Example code to produce a Sankey diagram (Plotly) and a simple dashboard (pandas + matplotlib/plotly).

```python
import pandas as pd
import plotly.graph_objects as go

# Example dataframe (replace with real results)
df = pd.DataFrame([
    {'concept':'Energy consumption','evidence_count':5,'drift':0},
    {'concept':'Water withdrawal','evidence_count':3,'drift':1},
    {'concept':'GHG emissions','evidence_count':4,'drift':1},
    {'concept':'Waste management','evidence_count':4,'drift':0},
    {'concept':'Biodiversity','evidence_count':1,'drift':2},
])

labels = df['concept'].tolist() + ['Infosys Evidence']
source = list(range(len(df)))
target = [len(df)] * len(df)
value = df['evidence_count'].tolist()

fig = go.Figure(data=[go.Sankey(node=dict(label=labels), link=dict(source=source, target=target, value=value))])
fig.show()
# fig.write_html('sankey.html')
```

For the drift dashboard, color-code drift 0 (green) to 3 (red) using matplotlib or plotly bar charts.

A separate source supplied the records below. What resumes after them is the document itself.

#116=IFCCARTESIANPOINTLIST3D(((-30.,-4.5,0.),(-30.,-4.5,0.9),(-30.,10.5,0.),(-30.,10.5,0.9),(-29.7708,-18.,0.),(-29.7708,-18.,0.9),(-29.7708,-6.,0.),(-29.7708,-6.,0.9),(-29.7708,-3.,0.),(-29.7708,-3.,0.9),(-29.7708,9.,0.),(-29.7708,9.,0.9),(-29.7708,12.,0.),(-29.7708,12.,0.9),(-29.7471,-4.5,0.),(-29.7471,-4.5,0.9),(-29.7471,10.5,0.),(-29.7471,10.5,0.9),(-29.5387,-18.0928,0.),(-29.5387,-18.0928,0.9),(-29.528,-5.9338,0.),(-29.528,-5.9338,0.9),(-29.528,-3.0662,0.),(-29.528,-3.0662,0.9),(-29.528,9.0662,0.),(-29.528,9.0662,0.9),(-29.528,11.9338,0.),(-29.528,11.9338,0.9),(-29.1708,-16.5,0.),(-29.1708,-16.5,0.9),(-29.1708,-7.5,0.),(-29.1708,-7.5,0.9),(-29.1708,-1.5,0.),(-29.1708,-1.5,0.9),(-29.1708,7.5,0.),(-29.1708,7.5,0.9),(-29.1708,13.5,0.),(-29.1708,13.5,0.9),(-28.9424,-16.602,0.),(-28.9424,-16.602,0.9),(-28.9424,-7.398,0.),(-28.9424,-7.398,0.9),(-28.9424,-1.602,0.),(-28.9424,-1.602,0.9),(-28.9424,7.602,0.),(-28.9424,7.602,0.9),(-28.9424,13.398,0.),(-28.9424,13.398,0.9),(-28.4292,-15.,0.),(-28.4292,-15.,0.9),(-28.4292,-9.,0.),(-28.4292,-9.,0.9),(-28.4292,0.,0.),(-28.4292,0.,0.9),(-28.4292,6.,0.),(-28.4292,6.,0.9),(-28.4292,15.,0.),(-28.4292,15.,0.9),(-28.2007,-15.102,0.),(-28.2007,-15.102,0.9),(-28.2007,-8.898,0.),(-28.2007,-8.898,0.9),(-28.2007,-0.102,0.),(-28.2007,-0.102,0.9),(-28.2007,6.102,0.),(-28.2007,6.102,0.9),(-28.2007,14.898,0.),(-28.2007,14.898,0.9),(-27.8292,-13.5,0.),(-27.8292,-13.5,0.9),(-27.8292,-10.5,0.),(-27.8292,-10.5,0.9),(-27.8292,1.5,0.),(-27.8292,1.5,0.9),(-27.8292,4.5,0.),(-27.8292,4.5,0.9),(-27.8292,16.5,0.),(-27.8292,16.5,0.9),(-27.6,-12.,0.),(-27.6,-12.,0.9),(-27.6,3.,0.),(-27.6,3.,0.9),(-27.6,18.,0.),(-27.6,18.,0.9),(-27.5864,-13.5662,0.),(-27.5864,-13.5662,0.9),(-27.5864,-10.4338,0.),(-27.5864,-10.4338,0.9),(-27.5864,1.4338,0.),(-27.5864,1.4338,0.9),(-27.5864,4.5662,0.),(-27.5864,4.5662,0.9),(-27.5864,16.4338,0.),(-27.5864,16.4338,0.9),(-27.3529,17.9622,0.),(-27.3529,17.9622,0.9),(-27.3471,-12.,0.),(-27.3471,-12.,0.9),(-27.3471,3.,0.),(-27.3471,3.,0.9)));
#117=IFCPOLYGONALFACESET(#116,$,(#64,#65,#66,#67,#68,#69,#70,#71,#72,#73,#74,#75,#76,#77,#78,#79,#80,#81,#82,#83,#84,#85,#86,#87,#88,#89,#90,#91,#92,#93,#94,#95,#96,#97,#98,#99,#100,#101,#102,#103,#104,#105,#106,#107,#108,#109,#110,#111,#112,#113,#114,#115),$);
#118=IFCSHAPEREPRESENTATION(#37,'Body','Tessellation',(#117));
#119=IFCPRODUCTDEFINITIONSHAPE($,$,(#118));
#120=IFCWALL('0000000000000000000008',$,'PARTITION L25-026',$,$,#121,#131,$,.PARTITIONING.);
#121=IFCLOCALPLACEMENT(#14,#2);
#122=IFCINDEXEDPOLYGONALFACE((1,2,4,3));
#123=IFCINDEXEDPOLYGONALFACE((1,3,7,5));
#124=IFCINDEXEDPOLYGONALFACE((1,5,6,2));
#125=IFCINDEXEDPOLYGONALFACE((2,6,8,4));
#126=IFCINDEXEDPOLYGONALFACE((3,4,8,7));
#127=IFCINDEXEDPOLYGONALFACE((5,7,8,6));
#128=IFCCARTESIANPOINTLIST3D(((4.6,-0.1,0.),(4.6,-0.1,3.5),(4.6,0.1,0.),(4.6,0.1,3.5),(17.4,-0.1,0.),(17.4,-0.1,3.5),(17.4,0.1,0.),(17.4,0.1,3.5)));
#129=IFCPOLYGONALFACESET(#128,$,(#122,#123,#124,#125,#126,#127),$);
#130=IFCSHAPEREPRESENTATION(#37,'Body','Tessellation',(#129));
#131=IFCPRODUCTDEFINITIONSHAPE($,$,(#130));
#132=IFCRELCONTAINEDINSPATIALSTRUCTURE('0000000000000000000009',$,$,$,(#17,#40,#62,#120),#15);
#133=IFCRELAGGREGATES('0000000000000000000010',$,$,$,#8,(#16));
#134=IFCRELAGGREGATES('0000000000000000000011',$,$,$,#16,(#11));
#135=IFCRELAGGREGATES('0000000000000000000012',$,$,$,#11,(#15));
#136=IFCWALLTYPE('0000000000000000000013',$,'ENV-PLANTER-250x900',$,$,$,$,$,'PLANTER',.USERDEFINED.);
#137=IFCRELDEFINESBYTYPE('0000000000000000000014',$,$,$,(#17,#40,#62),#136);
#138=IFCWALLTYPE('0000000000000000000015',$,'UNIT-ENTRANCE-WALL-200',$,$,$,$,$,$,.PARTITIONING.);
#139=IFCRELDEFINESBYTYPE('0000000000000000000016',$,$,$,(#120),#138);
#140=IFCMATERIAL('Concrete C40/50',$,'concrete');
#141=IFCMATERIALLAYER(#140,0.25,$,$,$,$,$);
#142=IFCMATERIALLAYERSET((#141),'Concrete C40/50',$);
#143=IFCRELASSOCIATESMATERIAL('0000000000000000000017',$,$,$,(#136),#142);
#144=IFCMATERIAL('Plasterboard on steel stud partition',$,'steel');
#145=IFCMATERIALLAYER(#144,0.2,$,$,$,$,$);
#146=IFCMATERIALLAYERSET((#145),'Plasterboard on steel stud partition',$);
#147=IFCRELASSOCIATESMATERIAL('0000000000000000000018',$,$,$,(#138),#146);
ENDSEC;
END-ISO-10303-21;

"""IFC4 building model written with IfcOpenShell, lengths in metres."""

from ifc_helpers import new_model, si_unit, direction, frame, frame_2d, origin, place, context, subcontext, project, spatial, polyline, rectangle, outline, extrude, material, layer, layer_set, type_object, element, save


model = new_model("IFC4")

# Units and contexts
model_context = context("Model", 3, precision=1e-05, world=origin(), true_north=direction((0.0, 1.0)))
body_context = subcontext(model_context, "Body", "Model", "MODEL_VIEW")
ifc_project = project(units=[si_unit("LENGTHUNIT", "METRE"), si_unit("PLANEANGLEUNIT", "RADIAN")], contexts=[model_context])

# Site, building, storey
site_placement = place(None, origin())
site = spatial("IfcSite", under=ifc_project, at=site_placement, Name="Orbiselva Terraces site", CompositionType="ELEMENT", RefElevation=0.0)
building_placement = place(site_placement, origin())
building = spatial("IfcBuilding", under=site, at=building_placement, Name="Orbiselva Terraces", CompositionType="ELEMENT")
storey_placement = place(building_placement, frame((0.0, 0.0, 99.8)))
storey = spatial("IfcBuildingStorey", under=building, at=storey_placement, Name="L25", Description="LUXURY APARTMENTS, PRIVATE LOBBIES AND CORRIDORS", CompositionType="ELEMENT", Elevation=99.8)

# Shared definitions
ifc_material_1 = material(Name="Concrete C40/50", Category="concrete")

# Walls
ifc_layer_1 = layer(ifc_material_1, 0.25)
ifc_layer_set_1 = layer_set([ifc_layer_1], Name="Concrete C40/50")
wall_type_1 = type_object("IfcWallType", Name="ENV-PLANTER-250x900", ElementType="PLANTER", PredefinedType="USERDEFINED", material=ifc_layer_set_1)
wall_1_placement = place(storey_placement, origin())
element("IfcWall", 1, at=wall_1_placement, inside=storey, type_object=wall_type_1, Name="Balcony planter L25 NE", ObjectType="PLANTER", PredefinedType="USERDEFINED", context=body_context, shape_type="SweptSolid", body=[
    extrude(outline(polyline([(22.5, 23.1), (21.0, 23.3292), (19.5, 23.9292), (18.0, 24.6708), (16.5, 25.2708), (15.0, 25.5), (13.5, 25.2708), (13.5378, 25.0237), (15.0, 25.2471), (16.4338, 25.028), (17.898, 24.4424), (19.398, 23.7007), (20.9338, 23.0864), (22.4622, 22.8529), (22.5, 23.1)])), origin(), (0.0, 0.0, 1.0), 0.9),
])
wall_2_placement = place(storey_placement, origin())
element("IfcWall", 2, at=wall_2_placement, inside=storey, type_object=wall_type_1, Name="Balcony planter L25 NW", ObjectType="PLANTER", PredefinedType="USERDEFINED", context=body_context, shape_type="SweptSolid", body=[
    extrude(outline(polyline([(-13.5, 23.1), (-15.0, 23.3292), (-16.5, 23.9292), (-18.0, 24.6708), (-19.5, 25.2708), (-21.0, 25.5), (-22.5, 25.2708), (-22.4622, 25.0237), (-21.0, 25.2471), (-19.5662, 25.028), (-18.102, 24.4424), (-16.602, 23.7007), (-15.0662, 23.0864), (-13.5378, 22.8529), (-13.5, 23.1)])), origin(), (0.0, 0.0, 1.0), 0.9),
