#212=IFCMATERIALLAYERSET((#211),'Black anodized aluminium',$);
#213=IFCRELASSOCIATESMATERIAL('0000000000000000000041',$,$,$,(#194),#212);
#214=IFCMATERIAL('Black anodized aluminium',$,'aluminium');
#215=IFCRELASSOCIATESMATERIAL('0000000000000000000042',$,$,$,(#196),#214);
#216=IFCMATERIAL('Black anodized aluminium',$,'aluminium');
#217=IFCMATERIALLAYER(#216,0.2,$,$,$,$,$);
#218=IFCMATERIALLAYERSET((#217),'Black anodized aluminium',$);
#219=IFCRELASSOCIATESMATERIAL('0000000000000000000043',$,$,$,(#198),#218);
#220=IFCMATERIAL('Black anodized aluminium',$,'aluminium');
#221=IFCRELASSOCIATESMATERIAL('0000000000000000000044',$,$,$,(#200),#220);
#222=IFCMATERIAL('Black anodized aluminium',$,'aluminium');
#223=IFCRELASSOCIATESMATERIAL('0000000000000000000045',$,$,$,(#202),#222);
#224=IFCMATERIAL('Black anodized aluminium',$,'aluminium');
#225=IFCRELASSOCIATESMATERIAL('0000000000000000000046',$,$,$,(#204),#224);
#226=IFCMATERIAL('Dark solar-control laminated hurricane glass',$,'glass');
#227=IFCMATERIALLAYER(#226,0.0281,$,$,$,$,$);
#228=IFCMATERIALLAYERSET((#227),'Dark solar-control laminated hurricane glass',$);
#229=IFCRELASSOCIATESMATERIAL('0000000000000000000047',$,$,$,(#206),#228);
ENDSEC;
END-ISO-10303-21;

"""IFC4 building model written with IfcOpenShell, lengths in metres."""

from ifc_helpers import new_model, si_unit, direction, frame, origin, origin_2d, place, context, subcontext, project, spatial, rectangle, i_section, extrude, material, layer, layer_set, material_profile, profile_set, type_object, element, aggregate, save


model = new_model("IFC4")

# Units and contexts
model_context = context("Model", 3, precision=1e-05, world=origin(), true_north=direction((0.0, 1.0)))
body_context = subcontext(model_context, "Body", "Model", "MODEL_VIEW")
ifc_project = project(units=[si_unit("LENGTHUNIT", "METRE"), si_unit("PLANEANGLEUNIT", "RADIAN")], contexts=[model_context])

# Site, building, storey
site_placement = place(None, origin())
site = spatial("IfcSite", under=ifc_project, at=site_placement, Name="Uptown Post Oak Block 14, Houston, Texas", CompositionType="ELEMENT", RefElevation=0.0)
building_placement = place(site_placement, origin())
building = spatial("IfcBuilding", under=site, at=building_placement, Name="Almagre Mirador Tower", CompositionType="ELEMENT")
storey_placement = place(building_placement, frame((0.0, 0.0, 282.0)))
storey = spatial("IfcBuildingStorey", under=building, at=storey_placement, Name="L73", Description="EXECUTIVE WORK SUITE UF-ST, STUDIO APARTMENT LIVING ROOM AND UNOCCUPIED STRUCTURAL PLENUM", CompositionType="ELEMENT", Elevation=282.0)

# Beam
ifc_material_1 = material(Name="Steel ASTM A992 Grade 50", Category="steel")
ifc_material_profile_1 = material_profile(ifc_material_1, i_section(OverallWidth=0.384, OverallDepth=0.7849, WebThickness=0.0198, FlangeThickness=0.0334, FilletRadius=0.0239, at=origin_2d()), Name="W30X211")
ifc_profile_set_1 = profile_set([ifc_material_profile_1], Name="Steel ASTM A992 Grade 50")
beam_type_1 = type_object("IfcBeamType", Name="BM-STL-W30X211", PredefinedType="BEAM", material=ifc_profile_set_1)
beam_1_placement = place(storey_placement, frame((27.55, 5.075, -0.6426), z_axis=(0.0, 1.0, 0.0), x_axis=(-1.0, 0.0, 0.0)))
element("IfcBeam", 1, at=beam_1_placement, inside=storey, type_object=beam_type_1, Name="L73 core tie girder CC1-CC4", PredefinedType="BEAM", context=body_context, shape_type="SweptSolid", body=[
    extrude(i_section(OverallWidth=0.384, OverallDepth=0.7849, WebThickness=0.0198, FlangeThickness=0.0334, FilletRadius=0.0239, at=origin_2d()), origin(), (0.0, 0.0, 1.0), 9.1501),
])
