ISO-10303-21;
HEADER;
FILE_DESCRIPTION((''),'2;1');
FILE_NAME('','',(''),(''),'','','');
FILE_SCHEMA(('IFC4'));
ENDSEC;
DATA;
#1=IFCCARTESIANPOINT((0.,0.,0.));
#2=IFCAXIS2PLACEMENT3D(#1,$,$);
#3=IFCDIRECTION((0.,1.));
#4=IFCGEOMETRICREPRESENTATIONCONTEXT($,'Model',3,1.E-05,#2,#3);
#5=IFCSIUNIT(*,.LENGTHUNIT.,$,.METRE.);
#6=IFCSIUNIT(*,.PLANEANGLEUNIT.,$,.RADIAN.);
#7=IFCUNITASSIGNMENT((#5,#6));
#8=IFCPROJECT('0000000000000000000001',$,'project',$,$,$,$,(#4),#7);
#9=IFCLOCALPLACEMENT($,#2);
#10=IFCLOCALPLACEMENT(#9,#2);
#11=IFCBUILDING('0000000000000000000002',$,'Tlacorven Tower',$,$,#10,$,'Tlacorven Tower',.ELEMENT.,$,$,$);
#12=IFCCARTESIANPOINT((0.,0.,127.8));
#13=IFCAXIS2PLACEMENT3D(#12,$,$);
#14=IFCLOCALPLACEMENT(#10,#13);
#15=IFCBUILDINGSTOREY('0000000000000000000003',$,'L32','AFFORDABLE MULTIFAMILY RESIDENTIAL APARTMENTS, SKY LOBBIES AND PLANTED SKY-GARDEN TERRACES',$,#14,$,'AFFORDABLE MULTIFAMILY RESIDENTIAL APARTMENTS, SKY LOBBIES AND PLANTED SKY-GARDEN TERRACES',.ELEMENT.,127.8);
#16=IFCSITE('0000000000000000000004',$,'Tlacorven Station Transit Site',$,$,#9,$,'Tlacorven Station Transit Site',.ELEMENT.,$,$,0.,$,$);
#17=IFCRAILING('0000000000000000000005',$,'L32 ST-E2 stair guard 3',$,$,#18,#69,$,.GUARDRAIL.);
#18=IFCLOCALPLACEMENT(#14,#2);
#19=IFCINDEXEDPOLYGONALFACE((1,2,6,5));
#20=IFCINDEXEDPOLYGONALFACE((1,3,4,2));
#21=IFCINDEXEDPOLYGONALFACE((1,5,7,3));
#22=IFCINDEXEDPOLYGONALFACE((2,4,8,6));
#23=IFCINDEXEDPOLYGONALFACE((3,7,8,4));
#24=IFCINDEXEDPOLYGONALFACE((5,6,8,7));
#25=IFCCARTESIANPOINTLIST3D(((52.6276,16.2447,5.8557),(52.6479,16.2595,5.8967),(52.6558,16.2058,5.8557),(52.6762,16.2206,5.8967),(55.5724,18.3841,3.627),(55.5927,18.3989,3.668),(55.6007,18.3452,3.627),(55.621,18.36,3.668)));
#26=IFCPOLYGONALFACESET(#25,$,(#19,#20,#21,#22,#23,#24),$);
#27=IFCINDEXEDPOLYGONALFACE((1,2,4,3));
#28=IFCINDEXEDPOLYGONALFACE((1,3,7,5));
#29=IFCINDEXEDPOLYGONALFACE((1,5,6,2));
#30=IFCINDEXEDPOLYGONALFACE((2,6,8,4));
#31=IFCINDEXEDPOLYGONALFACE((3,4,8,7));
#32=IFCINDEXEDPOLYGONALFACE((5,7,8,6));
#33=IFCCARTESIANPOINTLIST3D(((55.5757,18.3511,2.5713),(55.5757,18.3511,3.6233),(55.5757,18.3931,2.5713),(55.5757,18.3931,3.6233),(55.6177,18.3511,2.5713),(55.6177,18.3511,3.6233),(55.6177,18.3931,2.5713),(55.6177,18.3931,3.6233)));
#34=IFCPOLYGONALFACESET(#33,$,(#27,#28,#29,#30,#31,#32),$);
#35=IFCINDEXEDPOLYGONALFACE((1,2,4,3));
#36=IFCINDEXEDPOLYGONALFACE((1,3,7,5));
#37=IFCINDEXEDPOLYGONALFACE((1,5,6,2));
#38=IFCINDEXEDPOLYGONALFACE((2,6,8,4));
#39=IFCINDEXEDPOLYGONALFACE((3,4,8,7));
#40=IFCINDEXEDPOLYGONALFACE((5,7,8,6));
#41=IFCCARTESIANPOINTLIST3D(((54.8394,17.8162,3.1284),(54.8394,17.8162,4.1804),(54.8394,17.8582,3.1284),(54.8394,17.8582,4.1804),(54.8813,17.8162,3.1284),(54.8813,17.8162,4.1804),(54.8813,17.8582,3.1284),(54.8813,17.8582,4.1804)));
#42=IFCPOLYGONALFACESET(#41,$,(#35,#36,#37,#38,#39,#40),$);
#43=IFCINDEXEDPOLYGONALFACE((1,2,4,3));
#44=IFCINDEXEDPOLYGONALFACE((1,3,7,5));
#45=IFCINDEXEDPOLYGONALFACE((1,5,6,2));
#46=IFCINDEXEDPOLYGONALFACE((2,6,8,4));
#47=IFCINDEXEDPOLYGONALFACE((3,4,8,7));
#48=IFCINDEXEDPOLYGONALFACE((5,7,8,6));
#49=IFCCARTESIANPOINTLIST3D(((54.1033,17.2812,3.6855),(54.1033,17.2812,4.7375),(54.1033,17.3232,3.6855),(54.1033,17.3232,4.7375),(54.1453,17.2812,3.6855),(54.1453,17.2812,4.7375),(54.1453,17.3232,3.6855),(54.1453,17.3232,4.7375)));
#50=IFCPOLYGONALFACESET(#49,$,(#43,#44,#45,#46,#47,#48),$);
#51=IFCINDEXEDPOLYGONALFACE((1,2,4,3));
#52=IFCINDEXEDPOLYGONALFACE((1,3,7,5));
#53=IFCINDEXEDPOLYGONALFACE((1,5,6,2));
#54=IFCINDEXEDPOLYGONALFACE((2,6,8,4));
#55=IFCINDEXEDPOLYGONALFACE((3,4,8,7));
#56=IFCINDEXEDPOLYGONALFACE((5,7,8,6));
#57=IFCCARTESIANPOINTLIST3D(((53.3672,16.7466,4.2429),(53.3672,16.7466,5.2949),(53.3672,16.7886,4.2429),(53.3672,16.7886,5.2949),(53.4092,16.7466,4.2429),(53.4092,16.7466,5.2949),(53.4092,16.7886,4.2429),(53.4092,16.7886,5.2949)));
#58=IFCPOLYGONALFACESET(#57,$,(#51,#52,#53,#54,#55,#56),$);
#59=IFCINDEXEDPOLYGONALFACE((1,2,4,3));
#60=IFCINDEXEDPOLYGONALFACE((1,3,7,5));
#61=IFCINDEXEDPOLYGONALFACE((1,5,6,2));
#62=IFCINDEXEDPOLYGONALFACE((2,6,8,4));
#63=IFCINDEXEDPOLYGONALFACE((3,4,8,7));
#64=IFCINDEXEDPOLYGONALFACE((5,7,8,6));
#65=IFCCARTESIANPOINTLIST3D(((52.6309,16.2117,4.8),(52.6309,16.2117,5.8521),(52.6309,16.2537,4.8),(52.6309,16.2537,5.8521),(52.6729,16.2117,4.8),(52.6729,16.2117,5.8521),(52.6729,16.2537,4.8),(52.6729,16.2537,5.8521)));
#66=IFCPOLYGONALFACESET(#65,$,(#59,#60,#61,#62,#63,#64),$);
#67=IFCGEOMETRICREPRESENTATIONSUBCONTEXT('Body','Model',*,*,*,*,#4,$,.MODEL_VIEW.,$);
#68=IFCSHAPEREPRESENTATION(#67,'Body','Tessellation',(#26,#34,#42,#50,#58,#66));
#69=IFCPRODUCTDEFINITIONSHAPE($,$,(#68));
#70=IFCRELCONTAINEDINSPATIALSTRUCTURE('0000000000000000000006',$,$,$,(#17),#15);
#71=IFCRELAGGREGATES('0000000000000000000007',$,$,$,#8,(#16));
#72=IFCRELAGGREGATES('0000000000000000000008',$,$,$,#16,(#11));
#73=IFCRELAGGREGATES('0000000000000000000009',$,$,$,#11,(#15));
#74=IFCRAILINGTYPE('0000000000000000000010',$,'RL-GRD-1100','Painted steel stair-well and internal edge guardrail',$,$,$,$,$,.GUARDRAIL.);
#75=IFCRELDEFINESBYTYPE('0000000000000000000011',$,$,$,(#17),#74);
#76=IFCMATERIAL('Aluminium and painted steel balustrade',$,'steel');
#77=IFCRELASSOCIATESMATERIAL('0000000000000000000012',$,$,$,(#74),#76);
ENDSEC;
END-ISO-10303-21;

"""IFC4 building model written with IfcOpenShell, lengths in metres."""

from ifc_helpers import new_model, si_unit, direction, frame, origin, origin_2d, place, context, subcontext, project, spatial, rectangle, extrude, source, transform, mapped, material, type_object, element, save


model = new_model("IFC4")

# Units and contexts
model_context = context("Model", 3, precision=1e-05, world=origin(), true_north=direction((0.0, 1.0)))
body_context = subcontext(model_context, "Body", "Model", "MODEL_VIEW")
ifc_project = project(units=[si_unit("LENGTHUNIT", "METRE"), si_unit("PLANEANGLEUNIT", "RADIAN")], contexts=[model_context])

# Site, building, storey
site_placement = place(None, origin())
site = spatial("IfcSite", under=ifc_project, at=site_placement, Name="Tlacorven Station Transit Site", LongName="Tlacorven Station Transit Site", CompositionType="ELEMENT", RefElevation=0.0)
building_placement = place(site_placement, origin())
building = spatial("IfcBuilding", under=site, at=building_placement, Name="Tlacorven Tower", LongName="Tlacorven Tower", CompositionType="ELEMENT")
storey_placement = place(building_placement, frame((0.0, 0.0, 127.8)))
storey = spatial("IfcBuildingStorey", under=building, at=storey_placement, Name="L32", Description="AFFORDABLE MULTIFAMILY RESIDENTIAL APARTMENTS, SKY LOBBIES AND PLANTED SKY-GARDEN TERRACES", LongName="AFFORDABLE MULTIFAMILY RESIDENTIAL APARTMENTS, SKY LOBBIES AND PLANTED SKY-GARDEN TERRACES", CompositionType="ELEMENT", Elevation=127.8)

# Railing
ifc_material_1 = material(Name="Aluminium and painted steel balustrade", Category="steel")
railing_type_1 = type_object("IfcRailingType", Name="RL-GRD-1100", Description="Painted steel stair-well and internal edge guardrail", PredefinedType="GUARDRAIL", material=ifc_material_1)
shared_shape_1 = source(origin(), body_context, "Body", "SweptSolid", [
    extrude(rectangle(XDim=0.0481, YDim=0.0481, at=origin_2d()), frame((0.0, 0.0, 1.0762), z_axis=(-0.689966, -0.501258, 0.522194), x_axis=(0.587761, -0.809035, 0.0)), (0.0, 0.0, 1.0), 4.2681),
    extrude(rectangle(XDim=0.042, YDim=0.042, at=origin_2d()), origin(), (0.0, 0.0, 1.0), 1.052),
    extrude(rectangle(XDim=0.042, YDim=0.042, at=origin_2d()), frame((-0.7363, -0.5349, 0.5571)), (0.0, 0.0, 1.0), 1.052),
    extrude(rectangle(XDim=0.042, YDim=0.042, at=origin_2d()), frame((-1.4724, -1.0698, 1.1143)), (0.0, 0.0, 1.0), 1.052),
    extrude(rectangle(XDim=0.042, YDim=0.042, at=origin_2d()), frame((-2.2085, -1.6045, 1.6716)), (0.0, 0.0, 1.0), 1.052),
    extrude(rectangle(XDim=0.042, YDim=0.042, at=origin_2d()), frame((-2.9448, -2.1394, 2.2288)), (0.0, 0.0, 1.0), 1.052),
])
railing_1_placement = place(storey_placement, frame((55.5967, 18.3721, 2.5713)))
element("IfcRailing", 1, at=railing_1_placement, inside=storey, type_object=railing_type_1, Name="L32 ST-E2 stair guard 3", PredefinedType="GUARDRAIL", context=body_context, shape_type="MappedRepresentation", body=[
    mapped(shared_shape_1, transform((0.0, 0.0, 0.0), scale=1.0)),
])

save(model, "model.ifc")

## 10) Pipeline Skeleton — Run end-to-end

Outline (put as code and run when all dependencies are ready):

```python
# 1. Extract text from SEBI & Infosys PDFs
sebi_text = extract_text_pypdf(SEBI_BRSR_PDF)
infosys_text = extract_text_pypdf(INFOSYS_BRSR_PDF)

# 2. Clean & chunk
infosys_chunks = chunk_text(clean_text(infosys_text))

# 3. Embeddings (local recommended)
infosys_embs = embed_texts_local(infosys_chunks)  # or embed_texts_openai

# 4. Build FAISS index
import numpy as np
index = build_faiss_index(np.array(infosys_embs))

# 5. For each concept, retrieve top-k and compute score
results = []
for concept in BRSR_PRINCIPLE_6_CONCEPTS:
    top = retrieve_top_k(concept, infosys_chunks, index, embed_texts_local, k=5)
    evidence = ' '.join(top)
    score = naive_drift_score(concept, evidence)
    results.append({'concept':concept,'score':score,'evidence':' || '.join([t[:300] for t in top])})

import pandas as pd
pd.DataFrame(results).to_csv('/mnt/data/infosys_brsr_outputs/faithfulness_results.csv', index=False)
```

After running, generate visualizations and copy top evidence quotes into the Word report.


---

**Notes & Recommendations**

- The notebook provides a reproducible framework. Human review is essential for final drift scoring and non-hallucination checks.
- For best results, create a prompt template that forces the LLM to quote retrieved chunks with page numbers.
- Keep all extracted chunk IDs and page references to support the citations required by the assignment.